Of course there may be an alternative to shifting debt from the private sector to the public sector via massive fiscal stimulus during a BSR: what Steve Keen and Michael Hudson have called a Debt Jubilee, or a large-scale writing off of private debt. This would transfer resources from the financial sector to non-financial firms and households, supporting recovery in the ‘real’ economy and shrinking the financial sector.

It may be radical stuff, but since much of the debt bubble we have been living through simply fueled asset prices rather than real investment in tangible capital, it has great potential and would be a form of redistribution that could promote both social justice and renewed prosperity.

Another way to help restore global prosperity is for policymakers to encourage a ‘great rebalancing’. This idea comes from Michael Pettis, who goes further than Koo in exploring the roots of the Great Recession, putting it down to the buildup of current account imbalances between surplus countries such as China, Germany and Japan, and deficit countries such as the US, UK and eurozone periphery.
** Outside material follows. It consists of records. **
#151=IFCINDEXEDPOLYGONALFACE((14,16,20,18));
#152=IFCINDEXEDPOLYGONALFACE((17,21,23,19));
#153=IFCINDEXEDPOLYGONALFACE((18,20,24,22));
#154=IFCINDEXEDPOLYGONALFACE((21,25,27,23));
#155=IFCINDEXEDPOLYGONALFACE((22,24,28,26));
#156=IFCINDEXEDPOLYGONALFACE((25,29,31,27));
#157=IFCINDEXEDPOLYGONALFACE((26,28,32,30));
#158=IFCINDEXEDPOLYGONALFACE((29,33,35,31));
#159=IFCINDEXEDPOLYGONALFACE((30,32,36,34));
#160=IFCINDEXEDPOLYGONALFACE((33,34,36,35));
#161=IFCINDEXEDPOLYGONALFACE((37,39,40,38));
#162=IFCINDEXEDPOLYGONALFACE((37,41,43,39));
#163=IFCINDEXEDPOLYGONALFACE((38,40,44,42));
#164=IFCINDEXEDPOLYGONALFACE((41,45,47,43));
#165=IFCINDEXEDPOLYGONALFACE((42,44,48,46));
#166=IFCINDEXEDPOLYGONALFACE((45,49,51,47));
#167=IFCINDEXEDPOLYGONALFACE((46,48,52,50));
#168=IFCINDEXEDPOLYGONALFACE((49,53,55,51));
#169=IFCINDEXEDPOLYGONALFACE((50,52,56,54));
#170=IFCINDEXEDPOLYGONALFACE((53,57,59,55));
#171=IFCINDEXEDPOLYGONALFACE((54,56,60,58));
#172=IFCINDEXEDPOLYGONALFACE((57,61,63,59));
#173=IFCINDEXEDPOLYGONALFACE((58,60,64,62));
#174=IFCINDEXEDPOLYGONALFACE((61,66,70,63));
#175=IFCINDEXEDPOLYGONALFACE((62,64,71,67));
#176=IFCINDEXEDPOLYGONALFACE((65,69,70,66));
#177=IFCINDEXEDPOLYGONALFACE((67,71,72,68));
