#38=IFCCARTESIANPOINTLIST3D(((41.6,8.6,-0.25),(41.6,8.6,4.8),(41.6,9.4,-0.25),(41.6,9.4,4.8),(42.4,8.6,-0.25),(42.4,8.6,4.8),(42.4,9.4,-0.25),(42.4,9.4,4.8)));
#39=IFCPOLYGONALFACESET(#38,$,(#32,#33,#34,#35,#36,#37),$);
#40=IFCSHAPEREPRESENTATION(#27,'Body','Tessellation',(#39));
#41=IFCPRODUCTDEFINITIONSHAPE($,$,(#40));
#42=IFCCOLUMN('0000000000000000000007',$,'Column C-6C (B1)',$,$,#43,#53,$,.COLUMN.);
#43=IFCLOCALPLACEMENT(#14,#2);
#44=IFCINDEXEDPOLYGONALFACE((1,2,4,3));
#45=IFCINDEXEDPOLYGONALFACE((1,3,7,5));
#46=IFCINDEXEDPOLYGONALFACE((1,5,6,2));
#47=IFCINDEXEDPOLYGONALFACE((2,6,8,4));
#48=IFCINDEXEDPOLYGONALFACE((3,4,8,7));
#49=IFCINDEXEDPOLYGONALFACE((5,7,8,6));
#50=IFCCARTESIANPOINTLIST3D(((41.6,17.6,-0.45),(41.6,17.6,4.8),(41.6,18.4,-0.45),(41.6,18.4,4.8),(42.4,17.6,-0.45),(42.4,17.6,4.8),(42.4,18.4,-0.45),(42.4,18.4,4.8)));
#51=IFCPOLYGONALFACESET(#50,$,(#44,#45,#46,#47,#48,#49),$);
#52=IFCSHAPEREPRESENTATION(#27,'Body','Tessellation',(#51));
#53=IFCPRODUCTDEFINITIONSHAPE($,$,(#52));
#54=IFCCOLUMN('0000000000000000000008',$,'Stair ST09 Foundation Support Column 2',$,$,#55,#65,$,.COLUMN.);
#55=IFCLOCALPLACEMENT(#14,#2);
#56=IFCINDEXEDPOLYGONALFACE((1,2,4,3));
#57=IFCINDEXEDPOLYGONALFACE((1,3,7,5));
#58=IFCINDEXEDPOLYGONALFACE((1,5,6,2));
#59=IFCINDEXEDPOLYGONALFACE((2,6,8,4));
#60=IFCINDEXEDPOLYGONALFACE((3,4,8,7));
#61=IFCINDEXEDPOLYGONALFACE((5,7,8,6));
The excess savings of the surplus nations needs to fall and consumption shares to rise in order to rebalance the major economies of the world. As I have written about a number of times, Germany could ignite a eurozone boom by expanding domestic demand more rapidly and moving its current account towards balance or even into deficit, which would help restore balance in the deficit countries and enable them to pay down their accumulated private and public debts.

Some combination of all these policy ideas may be more effective than one on its own. But the focus on balance sheets, the relationship between assets and debts, and global imbalances is surely vital to creating a renewed prosperity across the world. This is in contrast to the sluggish growth amid unsustainable debt burdens which still need to fall dramatically in many countries.